2. C has a great power dynamic built in to it. You are on your own in dealing with this power. It's you who crashed the machine, not C and surely not K&R C.
3. Almost every language since C has borrowed something from C. Hence, anytime I saw a familiar notation or code block in any language that reminded me of C, I got confidence that I can learn this language.
K&R's many virtues give it an unique status. It did something that no C book or website can do it. It is the word of the language designer themselves. They shared their reasons of the choices they made.
Even if I made a function copy(char to[], char from[], int lenTo, int lenFrom) it would still be incorrect using his reasoning because most of the possible inputs would still cause the software to crash. I could symply add a wrong lenTo and lenFrom.
I don't understand it. His solution to non-safe introduction to non-safe language is to slap defensive checks everywhere? I am not sure that scaring his students shitless by having them check every input is as effective as concise explanation why and when you should check your inputs.
Criticizing K&R because of their safety assumptions is a faux pas.
Though Shaw raises a valid point based on the fact that we program in more diverse and hostile situations today than K&R did back in their days, I'm unsure how deep one needs to go into program correctness when teaching a language. Wouldn't it suffice, for example, to have program correctness highlighted as a chapter?
Take this -
> Also assume that the safercopy() function uses a for-loop that does not test for a '\0' only, but instead uses the given lengths to determine the amount to copy.
It is possible to write a safercopy() conforming to that loose specification that will not terminate. Just make the test something like "i != length" instead of "i < length". Then you can supply negative length arguments and get it to fail. Of course, that would be stupid, but it already illustrates the art of specification. .... Well, with finite precision integers, "i != length" would terminate at some point due to wrap around, but would take the universe to end if you'd used 128bit integers. To do it even more simply, `safercopy(1,2,3,4)` can crash the program.
Is the moral of this story that programs are not valid outside the context they were created for? .. or is it to never use data structures whose integrity cannot be proved without failure? .. or is it that proving a program's correctness using some method only indicates a failure of imagination? .. or, to put it differently, that you can only prove a program wrong but never one right?
This article is bashing just for the sake of bashing. While it pretends to offer constructive critiques and solutions, it fails miserably. One can certainly have productive discussions about the proper way to handle buffers in C, but this isn't it. Zed Shaw should stick to Ruby or whatever area he's actually good at.
Annoyingly clever. Even while running Ito JavaScript I have to debate whether I should be annoyingly clever or not.

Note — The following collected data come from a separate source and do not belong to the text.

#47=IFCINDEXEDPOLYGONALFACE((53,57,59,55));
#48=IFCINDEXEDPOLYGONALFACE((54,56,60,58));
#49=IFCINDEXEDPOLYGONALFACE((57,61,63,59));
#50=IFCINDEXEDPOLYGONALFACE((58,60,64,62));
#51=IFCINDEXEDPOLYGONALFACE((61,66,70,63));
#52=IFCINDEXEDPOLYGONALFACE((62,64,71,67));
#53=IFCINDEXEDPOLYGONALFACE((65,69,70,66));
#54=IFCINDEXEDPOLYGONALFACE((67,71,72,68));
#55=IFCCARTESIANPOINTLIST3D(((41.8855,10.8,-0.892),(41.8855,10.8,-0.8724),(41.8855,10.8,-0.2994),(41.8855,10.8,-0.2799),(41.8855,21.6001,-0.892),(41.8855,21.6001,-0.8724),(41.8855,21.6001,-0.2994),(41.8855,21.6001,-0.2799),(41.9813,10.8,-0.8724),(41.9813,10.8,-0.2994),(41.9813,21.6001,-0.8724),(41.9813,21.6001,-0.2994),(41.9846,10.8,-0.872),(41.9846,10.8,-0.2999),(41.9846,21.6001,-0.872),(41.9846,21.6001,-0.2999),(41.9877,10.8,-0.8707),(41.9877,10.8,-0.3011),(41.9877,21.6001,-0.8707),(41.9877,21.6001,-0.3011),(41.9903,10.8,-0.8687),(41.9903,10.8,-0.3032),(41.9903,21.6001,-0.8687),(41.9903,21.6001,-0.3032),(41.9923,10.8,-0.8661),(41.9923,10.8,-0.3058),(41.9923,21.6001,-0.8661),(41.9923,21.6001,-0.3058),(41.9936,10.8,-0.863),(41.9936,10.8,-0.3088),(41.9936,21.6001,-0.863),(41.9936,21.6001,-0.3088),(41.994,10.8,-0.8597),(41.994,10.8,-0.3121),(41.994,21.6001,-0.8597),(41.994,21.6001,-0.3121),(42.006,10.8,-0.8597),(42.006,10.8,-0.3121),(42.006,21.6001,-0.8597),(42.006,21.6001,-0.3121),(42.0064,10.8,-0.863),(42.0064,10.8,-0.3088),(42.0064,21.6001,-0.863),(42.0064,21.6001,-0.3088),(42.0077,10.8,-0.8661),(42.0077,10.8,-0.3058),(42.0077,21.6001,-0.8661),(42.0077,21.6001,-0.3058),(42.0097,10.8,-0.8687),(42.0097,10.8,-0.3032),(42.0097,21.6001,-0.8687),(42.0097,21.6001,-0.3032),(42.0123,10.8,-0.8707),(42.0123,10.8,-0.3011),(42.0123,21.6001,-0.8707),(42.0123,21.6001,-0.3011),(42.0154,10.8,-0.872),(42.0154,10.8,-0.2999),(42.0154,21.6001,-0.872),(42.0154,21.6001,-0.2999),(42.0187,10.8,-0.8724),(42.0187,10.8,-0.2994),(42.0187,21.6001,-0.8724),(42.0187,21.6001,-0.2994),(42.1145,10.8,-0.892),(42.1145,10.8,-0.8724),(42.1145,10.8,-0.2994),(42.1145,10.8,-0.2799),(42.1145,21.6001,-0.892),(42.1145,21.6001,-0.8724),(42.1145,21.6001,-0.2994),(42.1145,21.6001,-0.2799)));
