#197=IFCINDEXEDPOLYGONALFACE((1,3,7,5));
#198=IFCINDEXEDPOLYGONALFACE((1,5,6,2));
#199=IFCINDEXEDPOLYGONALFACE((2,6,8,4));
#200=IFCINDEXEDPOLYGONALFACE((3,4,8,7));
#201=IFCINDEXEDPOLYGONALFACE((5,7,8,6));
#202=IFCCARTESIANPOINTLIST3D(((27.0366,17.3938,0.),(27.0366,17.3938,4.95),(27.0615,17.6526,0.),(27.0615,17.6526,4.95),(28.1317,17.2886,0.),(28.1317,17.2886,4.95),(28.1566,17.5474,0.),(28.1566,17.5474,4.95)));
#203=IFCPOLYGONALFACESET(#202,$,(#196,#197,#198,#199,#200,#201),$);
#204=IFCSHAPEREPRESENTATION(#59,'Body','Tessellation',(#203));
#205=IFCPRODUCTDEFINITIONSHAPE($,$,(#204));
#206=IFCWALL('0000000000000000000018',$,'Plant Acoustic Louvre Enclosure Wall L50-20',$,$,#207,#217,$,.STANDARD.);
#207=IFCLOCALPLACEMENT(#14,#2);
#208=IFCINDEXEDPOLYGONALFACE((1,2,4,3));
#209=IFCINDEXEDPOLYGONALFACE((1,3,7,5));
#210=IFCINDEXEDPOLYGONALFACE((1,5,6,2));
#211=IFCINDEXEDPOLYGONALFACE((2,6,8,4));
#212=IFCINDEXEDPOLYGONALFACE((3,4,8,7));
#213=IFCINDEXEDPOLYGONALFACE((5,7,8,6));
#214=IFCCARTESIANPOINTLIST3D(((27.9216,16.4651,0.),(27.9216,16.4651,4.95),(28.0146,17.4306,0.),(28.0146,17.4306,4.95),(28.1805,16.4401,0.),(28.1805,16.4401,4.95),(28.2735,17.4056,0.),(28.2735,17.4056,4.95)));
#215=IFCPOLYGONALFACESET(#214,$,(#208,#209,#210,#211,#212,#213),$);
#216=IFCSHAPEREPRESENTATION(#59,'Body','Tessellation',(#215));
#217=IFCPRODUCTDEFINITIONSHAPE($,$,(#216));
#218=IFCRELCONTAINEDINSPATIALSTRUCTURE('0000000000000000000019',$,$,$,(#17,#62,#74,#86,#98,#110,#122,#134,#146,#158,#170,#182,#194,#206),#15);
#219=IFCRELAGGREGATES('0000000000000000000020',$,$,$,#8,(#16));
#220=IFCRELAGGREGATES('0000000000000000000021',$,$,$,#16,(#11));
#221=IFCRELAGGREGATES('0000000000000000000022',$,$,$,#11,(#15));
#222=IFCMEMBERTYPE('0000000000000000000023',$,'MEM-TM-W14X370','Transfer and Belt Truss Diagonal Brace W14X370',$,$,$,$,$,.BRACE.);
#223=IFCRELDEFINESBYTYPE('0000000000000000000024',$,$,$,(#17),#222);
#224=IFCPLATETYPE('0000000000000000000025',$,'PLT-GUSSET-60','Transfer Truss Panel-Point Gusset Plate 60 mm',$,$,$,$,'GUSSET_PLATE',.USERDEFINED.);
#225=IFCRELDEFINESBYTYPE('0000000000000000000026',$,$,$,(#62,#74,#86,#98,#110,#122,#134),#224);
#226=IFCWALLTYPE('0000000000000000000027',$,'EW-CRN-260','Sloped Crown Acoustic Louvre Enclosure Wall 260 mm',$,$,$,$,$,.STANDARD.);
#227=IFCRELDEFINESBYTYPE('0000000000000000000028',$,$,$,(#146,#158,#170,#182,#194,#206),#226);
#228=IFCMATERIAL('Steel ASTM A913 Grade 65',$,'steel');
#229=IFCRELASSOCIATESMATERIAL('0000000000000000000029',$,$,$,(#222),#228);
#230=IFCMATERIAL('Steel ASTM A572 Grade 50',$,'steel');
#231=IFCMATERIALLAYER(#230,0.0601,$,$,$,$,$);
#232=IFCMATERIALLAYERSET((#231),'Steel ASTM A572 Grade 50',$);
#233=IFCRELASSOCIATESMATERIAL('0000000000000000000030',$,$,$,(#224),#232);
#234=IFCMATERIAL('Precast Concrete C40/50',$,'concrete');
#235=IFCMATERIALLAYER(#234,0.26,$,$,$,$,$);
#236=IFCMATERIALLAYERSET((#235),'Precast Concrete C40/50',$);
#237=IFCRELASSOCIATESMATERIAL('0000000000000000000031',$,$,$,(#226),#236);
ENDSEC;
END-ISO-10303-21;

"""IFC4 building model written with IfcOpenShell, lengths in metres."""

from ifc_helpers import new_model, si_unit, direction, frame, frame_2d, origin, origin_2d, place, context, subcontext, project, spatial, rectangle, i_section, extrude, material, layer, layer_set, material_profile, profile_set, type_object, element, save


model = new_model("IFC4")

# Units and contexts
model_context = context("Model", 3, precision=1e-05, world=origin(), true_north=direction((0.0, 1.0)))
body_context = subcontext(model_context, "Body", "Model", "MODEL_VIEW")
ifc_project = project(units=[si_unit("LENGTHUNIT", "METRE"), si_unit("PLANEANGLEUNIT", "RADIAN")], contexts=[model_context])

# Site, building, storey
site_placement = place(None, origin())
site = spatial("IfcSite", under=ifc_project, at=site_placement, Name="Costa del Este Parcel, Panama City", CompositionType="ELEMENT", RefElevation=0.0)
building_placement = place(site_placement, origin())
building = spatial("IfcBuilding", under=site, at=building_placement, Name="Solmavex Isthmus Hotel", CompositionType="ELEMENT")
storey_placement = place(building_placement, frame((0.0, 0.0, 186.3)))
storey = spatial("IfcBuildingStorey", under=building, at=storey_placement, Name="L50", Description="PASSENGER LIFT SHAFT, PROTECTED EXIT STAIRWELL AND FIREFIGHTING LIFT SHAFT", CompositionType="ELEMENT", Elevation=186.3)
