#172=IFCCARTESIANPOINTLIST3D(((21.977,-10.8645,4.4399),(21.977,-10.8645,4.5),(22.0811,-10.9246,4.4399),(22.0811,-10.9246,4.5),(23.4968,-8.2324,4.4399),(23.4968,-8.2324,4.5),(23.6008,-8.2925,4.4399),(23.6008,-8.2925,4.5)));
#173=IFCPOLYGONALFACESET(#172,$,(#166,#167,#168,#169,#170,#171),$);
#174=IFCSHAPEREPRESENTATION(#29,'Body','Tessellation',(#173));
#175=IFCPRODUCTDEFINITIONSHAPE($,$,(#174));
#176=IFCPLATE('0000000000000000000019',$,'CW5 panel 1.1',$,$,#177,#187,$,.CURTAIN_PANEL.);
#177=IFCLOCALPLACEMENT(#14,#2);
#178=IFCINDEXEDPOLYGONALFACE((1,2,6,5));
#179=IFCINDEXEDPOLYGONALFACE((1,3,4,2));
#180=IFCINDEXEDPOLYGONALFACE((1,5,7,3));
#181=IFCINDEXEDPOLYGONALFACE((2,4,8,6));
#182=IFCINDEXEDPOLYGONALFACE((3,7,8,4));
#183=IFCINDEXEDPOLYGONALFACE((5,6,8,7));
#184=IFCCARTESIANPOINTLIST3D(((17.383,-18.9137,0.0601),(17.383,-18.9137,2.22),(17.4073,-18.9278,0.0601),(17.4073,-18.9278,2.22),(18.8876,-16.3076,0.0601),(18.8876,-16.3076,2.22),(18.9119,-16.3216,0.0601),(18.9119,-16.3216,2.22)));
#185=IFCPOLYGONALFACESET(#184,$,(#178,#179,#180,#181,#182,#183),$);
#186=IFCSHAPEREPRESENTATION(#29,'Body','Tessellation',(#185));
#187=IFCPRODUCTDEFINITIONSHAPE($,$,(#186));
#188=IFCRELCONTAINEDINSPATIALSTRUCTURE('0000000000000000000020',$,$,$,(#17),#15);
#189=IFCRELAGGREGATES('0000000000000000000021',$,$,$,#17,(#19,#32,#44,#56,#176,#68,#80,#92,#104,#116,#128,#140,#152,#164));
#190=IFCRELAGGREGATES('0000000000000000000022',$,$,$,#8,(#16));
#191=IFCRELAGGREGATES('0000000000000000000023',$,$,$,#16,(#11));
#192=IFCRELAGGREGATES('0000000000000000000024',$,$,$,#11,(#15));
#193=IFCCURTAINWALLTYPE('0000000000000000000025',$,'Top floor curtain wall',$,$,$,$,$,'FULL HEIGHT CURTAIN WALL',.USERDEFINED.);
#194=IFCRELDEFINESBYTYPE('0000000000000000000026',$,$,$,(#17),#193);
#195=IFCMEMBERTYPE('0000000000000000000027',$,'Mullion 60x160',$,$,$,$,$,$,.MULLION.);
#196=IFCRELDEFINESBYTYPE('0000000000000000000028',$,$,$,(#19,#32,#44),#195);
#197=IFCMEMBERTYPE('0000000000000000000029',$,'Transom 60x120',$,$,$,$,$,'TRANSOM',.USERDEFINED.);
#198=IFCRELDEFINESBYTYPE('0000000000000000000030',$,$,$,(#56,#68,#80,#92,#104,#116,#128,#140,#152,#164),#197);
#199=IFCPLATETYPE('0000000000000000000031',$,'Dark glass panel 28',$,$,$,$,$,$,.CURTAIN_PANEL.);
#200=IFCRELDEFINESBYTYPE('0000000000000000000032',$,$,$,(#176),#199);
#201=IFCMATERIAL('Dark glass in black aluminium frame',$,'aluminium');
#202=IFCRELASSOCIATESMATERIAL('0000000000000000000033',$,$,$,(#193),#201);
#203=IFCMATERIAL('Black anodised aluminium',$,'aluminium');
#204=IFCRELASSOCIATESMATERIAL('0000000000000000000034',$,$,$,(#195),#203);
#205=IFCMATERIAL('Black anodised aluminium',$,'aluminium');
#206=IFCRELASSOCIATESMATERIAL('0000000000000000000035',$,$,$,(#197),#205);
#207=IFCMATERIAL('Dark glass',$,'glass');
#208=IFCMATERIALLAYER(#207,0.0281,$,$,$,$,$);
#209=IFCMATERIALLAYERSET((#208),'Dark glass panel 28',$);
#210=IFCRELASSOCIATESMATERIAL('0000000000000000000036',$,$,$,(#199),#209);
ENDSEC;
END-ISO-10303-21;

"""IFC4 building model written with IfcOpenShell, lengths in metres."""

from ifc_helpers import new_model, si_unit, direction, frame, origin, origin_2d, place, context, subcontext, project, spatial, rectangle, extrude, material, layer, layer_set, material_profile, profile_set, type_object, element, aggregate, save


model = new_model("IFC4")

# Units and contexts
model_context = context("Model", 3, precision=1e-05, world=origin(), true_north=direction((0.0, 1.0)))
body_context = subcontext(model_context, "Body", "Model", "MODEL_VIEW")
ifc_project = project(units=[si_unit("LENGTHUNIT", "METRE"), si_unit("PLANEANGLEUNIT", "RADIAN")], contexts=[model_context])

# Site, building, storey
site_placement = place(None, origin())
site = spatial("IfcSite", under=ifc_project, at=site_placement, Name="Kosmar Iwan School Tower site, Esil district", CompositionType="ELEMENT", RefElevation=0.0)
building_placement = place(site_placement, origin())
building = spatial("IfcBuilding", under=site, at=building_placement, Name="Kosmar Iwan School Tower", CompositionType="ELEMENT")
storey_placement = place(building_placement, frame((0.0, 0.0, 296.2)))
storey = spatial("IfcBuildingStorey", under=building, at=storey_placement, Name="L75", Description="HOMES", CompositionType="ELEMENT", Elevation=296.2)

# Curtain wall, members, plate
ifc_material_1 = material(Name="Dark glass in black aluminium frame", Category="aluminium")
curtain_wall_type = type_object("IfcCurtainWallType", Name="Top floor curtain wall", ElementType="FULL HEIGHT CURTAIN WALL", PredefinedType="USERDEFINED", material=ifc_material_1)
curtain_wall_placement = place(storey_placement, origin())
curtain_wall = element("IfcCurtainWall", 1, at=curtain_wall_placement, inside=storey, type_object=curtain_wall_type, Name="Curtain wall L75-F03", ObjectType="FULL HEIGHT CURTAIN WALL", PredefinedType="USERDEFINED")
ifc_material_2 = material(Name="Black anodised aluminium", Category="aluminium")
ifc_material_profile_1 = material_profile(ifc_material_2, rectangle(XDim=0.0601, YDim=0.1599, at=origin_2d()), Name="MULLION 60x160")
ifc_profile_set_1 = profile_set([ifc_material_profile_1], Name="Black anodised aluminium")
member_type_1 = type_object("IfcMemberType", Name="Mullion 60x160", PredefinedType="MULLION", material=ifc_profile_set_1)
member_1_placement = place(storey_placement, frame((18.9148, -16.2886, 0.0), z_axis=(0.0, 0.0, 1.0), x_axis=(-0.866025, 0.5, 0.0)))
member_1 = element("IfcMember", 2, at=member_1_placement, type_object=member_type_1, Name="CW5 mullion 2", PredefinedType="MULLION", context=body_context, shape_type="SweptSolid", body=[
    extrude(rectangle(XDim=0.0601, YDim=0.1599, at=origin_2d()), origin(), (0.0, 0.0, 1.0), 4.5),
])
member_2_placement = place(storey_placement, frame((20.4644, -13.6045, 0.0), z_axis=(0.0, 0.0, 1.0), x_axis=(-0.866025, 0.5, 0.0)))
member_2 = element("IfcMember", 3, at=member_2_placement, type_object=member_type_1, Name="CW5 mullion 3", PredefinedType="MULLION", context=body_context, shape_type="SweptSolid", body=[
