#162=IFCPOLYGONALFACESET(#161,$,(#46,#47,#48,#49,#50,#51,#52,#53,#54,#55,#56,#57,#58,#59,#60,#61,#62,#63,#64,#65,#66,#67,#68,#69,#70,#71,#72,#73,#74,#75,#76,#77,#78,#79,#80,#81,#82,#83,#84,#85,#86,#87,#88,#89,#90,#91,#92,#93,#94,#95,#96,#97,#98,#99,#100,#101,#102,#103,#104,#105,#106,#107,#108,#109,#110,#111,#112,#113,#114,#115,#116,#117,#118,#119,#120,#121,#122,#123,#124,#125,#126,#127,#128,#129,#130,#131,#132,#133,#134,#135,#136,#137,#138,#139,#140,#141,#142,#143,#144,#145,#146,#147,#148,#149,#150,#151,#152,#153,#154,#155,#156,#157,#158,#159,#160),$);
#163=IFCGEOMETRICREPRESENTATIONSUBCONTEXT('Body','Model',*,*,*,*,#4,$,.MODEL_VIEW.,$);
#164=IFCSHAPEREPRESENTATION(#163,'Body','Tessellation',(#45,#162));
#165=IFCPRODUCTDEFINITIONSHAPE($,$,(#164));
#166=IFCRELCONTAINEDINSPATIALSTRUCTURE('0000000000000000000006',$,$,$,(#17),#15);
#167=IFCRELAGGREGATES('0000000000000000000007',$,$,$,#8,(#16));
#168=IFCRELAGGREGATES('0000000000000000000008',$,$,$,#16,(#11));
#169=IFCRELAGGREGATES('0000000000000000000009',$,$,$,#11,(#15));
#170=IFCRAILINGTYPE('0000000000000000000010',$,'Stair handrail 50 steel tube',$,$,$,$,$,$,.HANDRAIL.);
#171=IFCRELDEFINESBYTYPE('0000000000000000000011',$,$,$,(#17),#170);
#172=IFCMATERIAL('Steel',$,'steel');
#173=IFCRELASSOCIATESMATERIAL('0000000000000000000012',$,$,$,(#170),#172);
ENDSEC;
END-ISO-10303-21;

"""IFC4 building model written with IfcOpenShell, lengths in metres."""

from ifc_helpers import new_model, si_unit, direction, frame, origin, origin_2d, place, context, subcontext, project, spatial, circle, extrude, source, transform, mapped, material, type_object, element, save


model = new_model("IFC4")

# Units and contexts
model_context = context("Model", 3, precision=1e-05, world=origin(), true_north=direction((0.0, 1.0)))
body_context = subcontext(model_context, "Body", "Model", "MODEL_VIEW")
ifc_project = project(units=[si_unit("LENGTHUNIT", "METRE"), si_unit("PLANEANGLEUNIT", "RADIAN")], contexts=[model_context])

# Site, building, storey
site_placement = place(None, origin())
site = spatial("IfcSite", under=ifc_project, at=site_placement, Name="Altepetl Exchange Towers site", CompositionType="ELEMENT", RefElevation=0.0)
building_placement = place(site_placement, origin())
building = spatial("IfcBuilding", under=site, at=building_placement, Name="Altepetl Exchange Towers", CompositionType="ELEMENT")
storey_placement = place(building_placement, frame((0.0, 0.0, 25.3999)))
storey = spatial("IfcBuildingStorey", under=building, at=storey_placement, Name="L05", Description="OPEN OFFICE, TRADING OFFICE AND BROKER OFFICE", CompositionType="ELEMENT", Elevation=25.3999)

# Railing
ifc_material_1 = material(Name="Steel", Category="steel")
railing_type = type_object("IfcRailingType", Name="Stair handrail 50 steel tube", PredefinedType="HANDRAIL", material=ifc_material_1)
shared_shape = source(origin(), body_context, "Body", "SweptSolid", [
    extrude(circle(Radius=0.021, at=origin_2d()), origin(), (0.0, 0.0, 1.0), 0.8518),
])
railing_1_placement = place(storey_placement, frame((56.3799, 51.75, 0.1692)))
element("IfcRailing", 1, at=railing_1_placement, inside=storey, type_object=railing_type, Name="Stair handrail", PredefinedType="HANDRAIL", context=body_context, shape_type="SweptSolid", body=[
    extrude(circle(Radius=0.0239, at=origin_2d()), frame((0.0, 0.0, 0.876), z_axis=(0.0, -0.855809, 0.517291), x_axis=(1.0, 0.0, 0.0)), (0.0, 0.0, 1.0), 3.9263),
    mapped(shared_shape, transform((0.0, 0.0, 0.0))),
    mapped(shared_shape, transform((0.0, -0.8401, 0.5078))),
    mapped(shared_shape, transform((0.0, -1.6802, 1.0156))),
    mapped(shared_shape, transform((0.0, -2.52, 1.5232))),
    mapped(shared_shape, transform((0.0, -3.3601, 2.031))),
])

/* bad use of while loop with compound if-statement */
while ((len = getline(line, MAXLINE)) > 0)
if (len > max) {
max = len;
copy(longest, line);
}
if (max > 0) /* there was a line */
printf("%s", longest);
(i'm not certain what aspect you are trying to discuss but i'm assuming braces-- as that seems the primary point in the article)
My personal solution (again for JS) would be to use a new line with no braces to split up an if-statement, but to never nest a braced statement as part a pseudo-one-liner, nor to nest many levels of one-liners - as these situations could lead to confusion.
Eg for the above;
while ((len = getline(line, MAXLINE)) > 0){
if (len > max) {
max = len;
copy(longest, line);
}
}
if (max > 0)
printf("%s", longest);
This is a personal preference- i find it adequately splits up a one-line `if(max > 0) printf("%s", longest);` statement to be clearly identifiable as an if (while/for/etc) block, without the verboseness of the extra line/2 for braces, which i personally find makes code harder to read.
If I'm intentionally writing a one-line if I will write it on one line. I think using an indented second line without braces is less clear, and more prone to problems later when the code is modified.
I'm SO glad Zed has pointed this out! I dislike code like this and I dislike it even more when people say K&R style is the best, it's classic, believe/follow the creators of the language!
Fu that.
It's error prone, just like Zed says. Add braces, don't be lazy, it makes the code flow easier on the eye.
IMO, In JS, it's painfully dangerous to be "too" clever as well.
Sometimes I like to think about it like so: Will someone else "with less skill than me" be able to follow this code after me?
Then again, being human I sometimes fail to think this way :(.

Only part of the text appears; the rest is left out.